The U.S.S. Archernar, NCC-3217, is an Andromeda class "attack cargo ship". Originally designed to transport and support the landing of troops, heavy equipment, and supplies, the Andromeda class typically operated with heavy war ships during planetary assaults. Twenty-one years into its service life, however, the Archernar was re-tasked as a "seed" ship, assigned to establish colonies and science stations on the edges of Federation space.










Features of the Andromeda class include a large hanger bay, advanced sensors, several pairs of heavy phasers, six cargo transporters, and heavy lift capabilities in the form of two exchangeable cargo modules. In addition to a sensor dome similar to the one found on Constitution class starships, the Andromeda class features two additional sensor units which provide greater scanning resolution to assist with planetary mapping and colony deployment.










While a single Andromeda class ship is easily capable of establishing a small outpost or science stations, it typically takes 3 or more Andromeda class ships to deploy a small to medium-sized colony.

The Andromeda class is a larger, manned version of the Sherman class robot cargo ship. 

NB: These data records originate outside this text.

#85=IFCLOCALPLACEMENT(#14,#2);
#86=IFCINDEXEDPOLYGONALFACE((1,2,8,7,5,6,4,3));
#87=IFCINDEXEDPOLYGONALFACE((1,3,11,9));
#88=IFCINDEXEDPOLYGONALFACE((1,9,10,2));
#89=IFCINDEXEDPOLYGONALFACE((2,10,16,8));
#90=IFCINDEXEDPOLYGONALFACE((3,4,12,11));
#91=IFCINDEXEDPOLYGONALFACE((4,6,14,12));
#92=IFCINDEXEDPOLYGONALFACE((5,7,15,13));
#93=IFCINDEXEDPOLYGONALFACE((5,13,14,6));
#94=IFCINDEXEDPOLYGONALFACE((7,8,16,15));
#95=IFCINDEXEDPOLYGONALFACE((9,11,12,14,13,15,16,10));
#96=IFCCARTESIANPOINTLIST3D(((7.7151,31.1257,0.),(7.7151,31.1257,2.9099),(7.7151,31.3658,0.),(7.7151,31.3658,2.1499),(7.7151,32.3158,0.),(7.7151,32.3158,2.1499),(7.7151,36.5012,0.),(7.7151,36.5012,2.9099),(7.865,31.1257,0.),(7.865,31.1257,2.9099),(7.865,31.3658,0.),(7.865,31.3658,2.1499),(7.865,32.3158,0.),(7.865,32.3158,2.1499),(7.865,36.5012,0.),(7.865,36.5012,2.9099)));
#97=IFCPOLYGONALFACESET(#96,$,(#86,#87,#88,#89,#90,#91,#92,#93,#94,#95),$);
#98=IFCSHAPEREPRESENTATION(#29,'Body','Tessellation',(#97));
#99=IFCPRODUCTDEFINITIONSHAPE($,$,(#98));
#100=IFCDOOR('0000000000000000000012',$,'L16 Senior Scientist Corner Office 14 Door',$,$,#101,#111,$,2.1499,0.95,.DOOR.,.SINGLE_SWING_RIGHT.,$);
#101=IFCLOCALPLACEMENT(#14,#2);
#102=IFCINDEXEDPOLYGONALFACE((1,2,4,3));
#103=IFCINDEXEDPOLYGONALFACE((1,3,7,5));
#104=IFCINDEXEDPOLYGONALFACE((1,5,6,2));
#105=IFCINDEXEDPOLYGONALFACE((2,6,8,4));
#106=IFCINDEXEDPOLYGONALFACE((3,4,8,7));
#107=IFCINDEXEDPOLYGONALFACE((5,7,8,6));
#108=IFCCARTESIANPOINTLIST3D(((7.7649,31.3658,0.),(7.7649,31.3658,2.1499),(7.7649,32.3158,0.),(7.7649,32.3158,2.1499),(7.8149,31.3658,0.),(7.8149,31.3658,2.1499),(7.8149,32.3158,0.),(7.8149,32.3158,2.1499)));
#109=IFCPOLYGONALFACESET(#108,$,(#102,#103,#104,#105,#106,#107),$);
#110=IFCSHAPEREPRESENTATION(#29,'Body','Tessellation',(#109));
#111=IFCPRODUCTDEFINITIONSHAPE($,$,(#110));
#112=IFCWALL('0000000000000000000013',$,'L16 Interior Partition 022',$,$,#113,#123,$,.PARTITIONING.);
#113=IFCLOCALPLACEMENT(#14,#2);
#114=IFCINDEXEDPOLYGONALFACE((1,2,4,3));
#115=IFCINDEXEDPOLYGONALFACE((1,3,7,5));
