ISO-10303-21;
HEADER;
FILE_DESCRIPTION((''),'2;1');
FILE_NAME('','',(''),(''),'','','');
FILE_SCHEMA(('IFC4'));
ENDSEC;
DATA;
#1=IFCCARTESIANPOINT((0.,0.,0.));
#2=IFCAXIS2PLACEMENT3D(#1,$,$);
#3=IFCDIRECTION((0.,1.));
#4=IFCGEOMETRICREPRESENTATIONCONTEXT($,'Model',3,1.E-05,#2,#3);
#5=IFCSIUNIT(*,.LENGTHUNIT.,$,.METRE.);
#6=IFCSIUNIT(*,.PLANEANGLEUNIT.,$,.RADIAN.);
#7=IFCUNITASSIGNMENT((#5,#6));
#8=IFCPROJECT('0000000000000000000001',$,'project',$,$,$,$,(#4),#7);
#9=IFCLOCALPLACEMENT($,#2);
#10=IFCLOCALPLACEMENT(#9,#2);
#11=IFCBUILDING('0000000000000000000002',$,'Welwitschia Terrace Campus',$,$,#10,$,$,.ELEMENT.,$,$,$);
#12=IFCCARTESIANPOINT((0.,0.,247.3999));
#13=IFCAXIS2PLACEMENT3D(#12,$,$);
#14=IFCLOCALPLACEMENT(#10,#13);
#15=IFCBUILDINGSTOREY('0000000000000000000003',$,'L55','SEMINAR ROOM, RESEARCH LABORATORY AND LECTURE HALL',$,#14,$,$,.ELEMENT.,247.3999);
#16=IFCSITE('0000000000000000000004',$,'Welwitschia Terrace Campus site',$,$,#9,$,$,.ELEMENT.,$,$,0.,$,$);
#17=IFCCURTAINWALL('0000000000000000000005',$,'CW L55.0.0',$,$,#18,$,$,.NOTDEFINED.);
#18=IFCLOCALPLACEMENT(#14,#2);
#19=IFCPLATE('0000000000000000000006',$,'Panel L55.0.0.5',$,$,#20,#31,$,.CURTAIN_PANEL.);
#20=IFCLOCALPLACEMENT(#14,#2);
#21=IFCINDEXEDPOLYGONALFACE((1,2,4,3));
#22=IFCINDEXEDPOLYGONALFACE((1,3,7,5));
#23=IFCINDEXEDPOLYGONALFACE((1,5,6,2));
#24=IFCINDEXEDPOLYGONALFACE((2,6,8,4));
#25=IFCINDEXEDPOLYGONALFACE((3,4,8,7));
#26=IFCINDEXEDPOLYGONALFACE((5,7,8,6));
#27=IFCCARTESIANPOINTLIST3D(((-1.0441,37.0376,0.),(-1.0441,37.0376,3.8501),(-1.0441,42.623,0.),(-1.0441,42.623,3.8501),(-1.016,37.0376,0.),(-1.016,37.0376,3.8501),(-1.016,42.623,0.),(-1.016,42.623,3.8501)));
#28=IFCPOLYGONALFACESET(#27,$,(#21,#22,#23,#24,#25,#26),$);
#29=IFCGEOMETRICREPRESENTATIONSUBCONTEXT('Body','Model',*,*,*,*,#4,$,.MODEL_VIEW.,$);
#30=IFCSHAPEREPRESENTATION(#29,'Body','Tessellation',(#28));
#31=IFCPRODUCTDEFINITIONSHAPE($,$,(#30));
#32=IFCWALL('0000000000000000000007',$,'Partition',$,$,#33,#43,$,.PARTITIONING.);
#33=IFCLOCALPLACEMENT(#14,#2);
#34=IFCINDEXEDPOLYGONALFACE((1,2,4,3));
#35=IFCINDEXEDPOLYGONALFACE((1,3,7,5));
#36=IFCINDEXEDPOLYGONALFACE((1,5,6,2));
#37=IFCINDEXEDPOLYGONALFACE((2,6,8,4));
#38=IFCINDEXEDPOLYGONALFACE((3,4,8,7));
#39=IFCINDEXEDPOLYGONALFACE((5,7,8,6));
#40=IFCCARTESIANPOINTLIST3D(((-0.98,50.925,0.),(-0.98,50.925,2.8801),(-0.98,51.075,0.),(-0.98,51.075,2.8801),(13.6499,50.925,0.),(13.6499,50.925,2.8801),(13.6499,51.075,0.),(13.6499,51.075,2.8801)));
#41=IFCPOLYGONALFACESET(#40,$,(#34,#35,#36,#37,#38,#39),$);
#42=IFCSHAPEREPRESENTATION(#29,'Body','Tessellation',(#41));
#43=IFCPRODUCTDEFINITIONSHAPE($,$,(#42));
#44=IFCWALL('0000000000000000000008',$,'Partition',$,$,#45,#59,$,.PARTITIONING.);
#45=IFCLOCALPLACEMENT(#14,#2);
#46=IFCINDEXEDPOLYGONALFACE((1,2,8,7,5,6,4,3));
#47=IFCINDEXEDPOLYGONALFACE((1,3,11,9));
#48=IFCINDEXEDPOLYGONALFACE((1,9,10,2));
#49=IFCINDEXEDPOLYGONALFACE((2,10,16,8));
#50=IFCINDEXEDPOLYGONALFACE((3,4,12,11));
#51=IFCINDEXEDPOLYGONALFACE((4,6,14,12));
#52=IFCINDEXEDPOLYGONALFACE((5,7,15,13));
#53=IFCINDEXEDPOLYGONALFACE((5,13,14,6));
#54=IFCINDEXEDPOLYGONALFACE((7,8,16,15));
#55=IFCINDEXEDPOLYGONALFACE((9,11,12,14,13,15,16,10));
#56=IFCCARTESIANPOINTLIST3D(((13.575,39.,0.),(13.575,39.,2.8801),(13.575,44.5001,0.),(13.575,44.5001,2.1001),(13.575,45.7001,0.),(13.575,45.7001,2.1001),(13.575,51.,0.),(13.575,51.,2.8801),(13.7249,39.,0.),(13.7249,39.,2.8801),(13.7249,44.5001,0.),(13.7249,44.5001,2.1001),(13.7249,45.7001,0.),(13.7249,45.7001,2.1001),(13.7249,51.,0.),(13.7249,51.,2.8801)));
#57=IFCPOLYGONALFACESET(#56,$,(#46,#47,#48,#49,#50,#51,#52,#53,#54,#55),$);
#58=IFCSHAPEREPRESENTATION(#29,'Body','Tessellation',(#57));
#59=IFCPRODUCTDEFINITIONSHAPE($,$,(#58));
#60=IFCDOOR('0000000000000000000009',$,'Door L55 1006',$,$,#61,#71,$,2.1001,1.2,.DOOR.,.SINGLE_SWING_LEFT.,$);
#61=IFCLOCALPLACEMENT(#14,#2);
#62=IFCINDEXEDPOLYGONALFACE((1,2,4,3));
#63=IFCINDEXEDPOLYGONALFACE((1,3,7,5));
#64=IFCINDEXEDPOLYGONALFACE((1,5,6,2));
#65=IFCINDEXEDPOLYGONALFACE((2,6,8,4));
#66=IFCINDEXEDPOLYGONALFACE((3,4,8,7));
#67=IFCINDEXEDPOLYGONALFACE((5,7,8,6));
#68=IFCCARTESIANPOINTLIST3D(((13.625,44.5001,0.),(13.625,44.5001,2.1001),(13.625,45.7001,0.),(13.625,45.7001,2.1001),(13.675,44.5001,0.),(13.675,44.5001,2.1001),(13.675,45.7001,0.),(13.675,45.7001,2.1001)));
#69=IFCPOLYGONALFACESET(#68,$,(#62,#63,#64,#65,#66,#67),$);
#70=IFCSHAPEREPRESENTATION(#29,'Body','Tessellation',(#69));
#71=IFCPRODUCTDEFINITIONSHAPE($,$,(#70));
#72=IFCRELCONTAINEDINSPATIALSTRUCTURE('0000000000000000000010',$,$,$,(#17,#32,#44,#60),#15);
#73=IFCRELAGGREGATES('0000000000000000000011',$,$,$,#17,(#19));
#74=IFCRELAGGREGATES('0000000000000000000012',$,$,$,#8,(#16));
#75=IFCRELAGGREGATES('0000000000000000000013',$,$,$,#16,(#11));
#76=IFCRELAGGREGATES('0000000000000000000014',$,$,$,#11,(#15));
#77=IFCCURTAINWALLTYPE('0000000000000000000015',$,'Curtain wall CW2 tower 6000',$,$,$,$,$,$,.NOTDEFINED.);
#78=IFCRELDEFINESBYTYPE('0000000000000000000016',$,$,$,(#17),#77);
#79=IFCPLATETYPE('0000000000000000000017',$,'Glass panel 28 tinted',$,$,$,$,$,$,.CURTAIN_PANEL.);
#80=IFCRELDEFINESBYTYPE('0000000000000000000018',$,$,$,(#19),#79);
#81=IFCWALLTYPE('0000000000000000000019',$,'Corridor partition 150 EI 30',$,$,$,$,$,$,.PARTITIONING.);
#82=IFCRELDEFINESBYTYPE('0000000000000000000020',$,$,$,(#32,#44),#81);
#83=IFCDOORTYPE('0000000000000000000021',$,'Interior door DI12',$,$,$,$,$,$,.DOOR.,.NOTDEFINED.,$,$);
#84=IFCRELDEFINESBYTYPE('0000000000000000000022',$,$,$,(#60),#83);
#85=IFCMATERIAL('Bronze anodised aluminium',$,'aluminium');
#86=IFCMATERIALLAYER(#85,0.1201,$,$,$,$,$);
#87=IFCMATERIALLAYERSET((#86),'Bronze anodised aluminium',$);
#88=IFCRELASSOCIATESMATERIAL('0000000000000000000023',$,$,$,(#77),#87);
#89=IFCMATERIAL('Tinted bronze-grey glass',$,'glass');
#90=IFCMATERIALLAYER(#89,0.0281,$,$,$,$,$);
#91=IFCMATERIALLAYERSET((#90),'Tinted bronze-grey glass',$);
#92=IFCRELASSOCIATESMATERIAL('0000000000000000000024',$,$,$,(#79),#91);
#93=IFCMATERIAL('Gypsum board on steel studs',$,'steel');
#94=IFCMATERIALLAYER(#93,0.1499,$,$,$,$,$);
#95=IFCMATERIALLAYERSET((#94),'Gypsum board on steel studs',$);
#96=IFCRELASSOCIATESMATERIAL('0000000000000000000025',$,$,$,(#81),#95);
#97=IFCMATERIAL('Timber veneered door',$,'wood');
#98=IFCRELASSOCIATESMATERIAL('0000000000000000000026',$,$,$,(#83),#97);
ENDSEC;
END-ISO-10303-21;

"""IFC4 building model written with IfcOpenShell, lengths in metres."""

from ifc_helpers import new_model, si_unit, direction, frame, frame_2d, origin, origin_2d, place, context, subcontext, project, spatial, rectangle, extrude, material, layer, layer_set, type_object, element, fill, aggregate, save


model = new_model("IFC4")

# Units and contexts
model_context = context("Model", 3, precision=1e-05, world=origin(), true_north=direction((0.0, 1.0)))
body_context = subcontext(model_context, "Body", "Model", "MODEL_VIEW")
ifc_project = project(units=[si_unit("LENGTHUNIT", "METRE"), si_unit("PLANEANGLEUNIT", "RADIAN")], contexts=[model_context])

# Site, building, storey
site_placement = place(None, origin())
site = spatial("IfcSite", under=ifc_project, at=site_placement, Name="Welwitschia Terrace Campus site", CompositionType="ELEMENT", RefElevation=0.0)
building_placement = place(site_placement, origin())
building = spatial("IfcBuilding", under=site, at=building_placement, Name="Welwitschia Terrace Campus", CompositionType="ELEMENT")
storey_placement = place(building_placement, frame((0.0, 0.0, 247.3999)))
storey = spatial("IfcBuildingStorey", under=building, at=storey_placement, Name="L55", Description="SEMINAR ROOM, RESEARCH LABORATORY AND LECTURE HALL", CompositionType="ELEMENT", Elevation=247.3999)

# Curtain wall
ifc_material_1 = material(Name="Bronze anodised aluminium", Category="aluminium")
ifc_layer_1 = layer(ifc_material_1, 0.1201)
ifc_layer_set_1 = layer_set([ifc_layer_1], Name="Bronze anodised aluminium")
curtain_wall_type = type_object("IfcCurtainWallType", Name="Curtain wall CW2 tower 6000", PredefinedType="NOTDEFINED", material=ifc_layer_set_1)
curtain_wall_placement = place(storey_placement, origin())
curtain_wall = element("IfcCurtainWall", 1, at=curtain_wall_placement, inside=storey, type_object=curtain_wall_type, Name="CW L55.0.0", PredefinedType="NOTDEFINED")

# Plate
ifc_material_2 = material(Name="Tinted bronze-grey glass", Category="glass")
ifc_layer_2 = layer(ifc_material_2, 0.0281)
ifc_layer_set_2 = layer_set([ifc_layer_2], Name="Tinted bronze-grey glass")
plate_type = type_object("IfcPlateType", Name="Glass panel 28 tinted", PredefinedType="CURTAIN_PANEL", material=ifc_layer_set_2)
plate_1_placement = place(storey_placement, frame((-1.03, 39.8303, 0.0), z_axis=(0.0, 0.0, 1.0), x_axis=(0.0, -1.0, 0.0)))
plate_1 = element("IfcPlate", 2, at=plate_1_placement, type_object=plate_type, Name="Panel L55.0.0.5", PredefinedType="CURTAIN_PANEL", context=body_context, shape_type="SweptSolid", body=[
    extrude(rectangle(XDim=5.5854, YDim=0.0281, at=origin_2d()), origin(), (0.0, 0.0, 1.0), 3.8501),
])
aggregate(curtain_wall, [plate_1])

# Wall
ifc_material_3 = material(Name="Gypsum board on steel studs", Category="steel")
ifc_layer_3 = layer(ifc_material_3, 0.1499)
ifc_layer_set_3 = layer_set([ifc_layer_3], Name="Gypsum board on steel studs")
wall_type = type_object("IfcWallType", Name="Corridor partition 150 EI 30", PredefinedType="PARTITIONING", material=ifc_layer_set_3)
wall_1_placement = place(storey_placement, frame((-0.98, 51.0, 0.0), z_axis=(0.0, 0.0, 1.0), x_axis=(1.0, 0.0, 0.0)))
element("IfcWall", 3, at=wall_1_placement, inside=storey, type_object=wall_type, Name="Partition", PredefinedType="PARTITIONING", context=body_context, shape_type="SweptSolid", body=[
    extrude(rectangle(XDim=14.6299, YDim=0.1499, at=frame_2d((7.3149, 0.0))), origin(), (0.0, 0.0, 1.0), 2.8801),
])

# Wall, opening, door
wall_2_placement = place(storey_placement, frame((13.6499, 39.0, 0.0), z_axis=(0.0, 0.0, 1.0), x_axis=(0.0, 1.0, 0.0)))
wall_2 = element("IfcWall", 4, at=wall_2_placement, inside=storey, type_object=wall_type, Name="Partition", PredefinedType="PARTITIONING", context=body_context, shape_type="SweptSolid", body=[
    extrude(rectangle(XDim=12.0, YDim=0.1499, at=frame_2d((6.0, 0.0))), origin(), (0.0, 0.0, 1.0), 2.8801),
])
opening_placement = place(wall_2_placement, frame((5.5, 0.0, 0.0)))
opening = element("IfcOpeningElement", 5, at=opening_placement, cuts=wall_2, PredefinedType="OPENING", context=body_context, shape_type="SweptSolid", body=[
    extrude(rectangle(XDim=1.2, YDim=2.1001, at=frame_2d((0.6001, 1.05))), frame((0.0, 0.085, 0.0), z_axis=(0.0, -1.0, 0.0), x_axis=(1.0, 0.0, 0.0)), (0.0, 0.0, 1.0), 0.1699),
])
ifc_material_4 = material(Name="Timber veneered door", Category="wood")
door_type = type_object("IfcDoorType", Name="Interior door DI12", OperationType="NOTDEFINED", PredefinedType="DOOR", material=ifc_material_4)
door_placement = place(opening_placement, origin())
door = element("IfcDoor", 6, at=door_placement, inside=storey, type_object=door_type, Name="Door L55 1006", OperationType="SINGLE_SWING_LEFT", OverallHeight=2.1001, OverallWidth=1.2, PredefinedType="DOOR", context=body_context, shape_type="SweptSolid", body=[
    extrude(rectangle(XDim=1.2, YDim=2.1001, at=frame_2d((0.6001, 1.05))), frame((0.0, 0.0249, 0.0), z_axis=(0.0, -1.0, 0.0), x_axis=(1.0, 0.0, 0.0)), (0.0, 0.0, 1.0), 0.05),
])
fill(opening, door)

save(model, "model.ifc")
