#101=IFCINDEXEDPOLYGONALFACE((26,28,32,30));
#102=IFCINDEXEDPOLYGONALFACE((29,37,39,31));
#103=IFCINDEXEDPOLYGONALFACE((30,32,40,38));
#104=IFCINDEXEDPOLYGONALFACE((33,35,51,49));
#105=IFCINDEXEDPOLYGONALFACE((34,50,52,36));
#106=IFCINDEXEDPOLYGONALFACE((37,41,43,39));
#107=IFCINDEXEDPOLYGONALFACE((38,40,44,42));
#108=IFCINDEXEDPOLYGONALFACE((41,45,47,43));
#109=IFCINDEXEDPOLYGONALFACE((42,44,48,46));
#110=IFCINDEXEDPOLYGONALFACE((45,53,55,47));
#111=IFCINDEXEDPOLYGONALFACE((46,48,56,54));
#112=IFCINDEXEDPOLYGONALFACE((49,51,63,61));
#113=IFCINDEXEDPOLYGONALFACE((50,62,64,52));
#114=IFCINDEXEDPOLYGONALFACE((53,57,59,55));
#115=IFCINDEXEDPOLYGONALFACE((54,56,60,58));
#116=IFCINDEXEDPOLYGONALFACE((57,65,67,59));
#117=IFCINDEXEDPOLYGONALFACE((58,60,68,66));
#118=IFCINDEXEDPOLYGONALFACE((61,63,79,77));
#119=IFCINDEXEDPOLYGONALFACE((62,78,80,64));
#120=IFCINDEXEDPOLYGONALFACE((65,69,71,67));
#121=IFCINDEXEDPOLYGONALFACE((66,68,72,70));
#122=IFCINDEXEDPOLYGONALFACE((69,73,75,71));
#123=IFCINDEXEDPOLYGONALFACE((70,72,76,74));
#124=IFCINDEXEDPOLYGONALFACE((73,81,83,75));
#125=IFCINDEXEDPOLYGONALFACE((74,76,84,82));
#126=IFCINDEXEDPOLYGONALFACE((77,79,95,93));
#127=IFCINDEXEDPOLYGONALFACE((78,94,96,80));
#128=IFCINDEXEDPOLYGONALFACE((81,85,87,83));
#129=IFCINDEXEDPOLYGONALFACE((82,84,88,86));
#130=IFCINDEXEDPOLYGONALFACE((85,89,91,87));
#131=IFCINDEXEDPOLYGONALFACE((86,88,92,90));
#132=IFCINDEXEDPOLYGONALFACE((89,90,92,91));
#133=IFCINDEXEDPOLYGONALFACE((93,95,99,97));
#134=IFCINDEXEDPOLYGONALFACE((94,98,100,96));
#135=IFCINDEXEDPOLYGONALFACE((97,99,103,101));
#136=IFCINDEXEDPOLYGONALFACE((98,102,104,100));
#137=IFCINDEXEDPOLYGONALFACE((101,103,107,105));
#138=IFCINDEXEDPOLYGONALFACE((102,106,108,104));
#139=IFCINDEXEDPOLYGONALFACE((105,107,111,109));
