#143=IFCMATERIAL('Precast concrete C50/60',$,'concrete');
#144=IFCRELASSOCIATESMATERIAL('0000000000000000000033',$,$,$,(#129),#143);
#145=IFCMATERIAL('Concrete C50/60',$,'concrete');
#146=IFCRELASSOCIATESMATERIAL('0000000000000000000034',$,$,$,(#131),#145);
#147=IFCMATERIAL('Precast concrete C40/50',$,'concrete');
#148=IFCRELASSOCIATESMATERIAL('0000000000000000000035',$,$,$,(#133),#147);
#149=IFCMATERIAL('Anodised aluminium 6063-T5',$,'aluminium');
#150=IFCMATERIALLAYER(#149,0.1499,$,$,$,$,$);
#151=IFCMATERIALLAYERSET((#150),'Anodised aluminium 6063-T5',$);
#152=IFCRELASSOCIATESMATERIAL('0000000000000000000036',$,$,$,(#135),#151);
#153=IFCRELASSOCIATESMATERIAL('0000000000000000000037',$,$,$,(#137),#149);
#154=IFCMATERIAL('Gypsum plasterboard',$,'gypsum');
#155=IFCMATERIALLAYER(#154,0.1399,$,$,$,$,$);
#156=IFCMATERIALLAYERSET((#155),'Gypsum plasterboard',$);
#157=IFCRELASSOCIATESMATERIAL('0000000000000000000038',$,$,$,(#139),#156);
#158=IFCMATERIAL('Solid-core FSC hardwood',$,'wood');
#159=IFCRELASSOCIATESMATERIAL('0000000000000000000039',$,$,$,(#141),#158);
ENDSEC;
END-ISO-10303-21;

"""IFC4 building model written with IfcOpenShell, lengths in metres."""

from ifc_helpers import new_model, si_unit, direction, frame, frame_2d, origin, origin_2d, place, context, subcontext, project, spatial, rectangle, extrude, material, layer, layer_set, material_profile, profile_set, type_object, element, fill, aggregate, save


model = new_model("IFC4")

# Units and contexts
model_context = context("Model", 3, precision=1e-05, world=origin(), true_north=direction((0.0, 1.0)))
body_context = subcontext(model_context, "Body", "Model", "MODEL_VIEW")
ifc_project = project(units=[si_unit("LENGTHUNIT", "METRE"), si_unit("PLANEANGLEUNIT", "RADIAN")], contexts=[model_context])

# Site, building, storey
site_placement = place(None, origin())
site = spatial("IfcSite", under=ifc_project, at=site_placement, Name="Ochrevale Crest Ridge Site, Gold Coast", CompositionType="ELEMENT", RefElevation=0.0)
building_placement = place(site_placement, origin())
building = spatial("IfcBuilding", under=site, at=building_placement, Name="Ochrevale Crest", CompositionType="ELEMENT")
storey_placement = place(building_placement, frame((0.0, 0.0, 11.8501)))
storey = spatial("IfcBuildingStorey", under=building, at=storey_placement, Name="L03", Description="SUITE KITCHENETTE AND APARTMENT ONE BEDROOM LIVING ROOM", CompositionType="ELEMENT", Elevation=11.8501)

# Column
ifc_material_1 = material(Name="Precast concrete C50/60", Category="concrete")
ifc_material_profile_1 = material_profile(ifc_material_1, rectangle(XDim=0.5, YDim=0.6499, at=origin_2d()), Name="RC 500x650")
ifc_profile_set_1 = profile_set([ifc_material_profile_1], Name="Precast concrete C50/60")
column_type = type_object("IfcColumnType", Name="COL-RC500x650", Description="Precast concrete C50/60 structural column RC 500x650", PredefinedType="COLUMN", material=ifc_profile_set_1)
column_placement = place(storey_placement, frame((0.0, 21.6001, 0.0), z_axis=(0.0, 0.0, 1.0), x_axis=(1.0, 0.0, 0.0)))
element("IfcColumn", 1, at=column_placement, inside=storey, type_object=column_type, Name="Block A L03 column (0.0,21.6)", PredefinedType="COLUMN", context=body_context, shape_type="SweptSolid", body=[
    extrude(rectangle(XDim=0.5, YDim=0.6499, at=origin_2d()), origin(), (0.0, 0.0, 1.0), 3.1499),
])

*The original U.S.S. Archernar (AKA-53) was an Andromeda class attack cargo ship built at Federal Kearney and commissioned on January 31, 1944. Attack cargo ships were U.S. Navy ships designed specifically to carry troops, heavy equipment and supplies in support of amphibious assaults, and to provide naval gunfire support during those assaults. With the larger types of Landing Craft, the combat-loaded AKA's and APA's formed the core of US Amphibious Forces. Operating inshore, they discharged toops and cargo off beachheads, loading their self-borne small Landing Craft, and providing considerable fire-power to cover the operation.

**Archernar is the brightest star in the constellation Eridanus and the ninth-brightest star in the night sky. Of the top ten apparent brightest stars (excluding our Sun)—Sirius, Canopus, Alpha Centauri, Arcturus, Vega, Capella, Rigel, Procyon, Achernar and Betelgeuse—Achernar is the hottest and bluest. It lies at the southern tip of the constellation.


----------



## Fozzie (May 25, 2009)

This model was built primarily from sheet and strip styrene. The warp engines and pylons, deflector dish, and bridge decks are from a Polar Lights 1:1000 _Enterprise _kit. The model also utilizes two components from Modular Models: 1) the Multi-era/multi-scale Lower Sensor Dome, and 2) the TOS-era Primary Hull Expanded Engineering module. Decals from the Polar Lights kit, Absolute Models, and JTGraphics were used.

This model started out as a scratch-building exercise but came out well enough that I decided to finish it off with a paint job and decals. The finish is not all that good because of the cheap primer I used and the fact that I didn't work the seams as well as I could have, but I didn't intend/expect for this to be a display model when I started it. It looked so cool, however, that I thought it deserved a spot on my shelves. I have always loved those robot drone ships from TAS. 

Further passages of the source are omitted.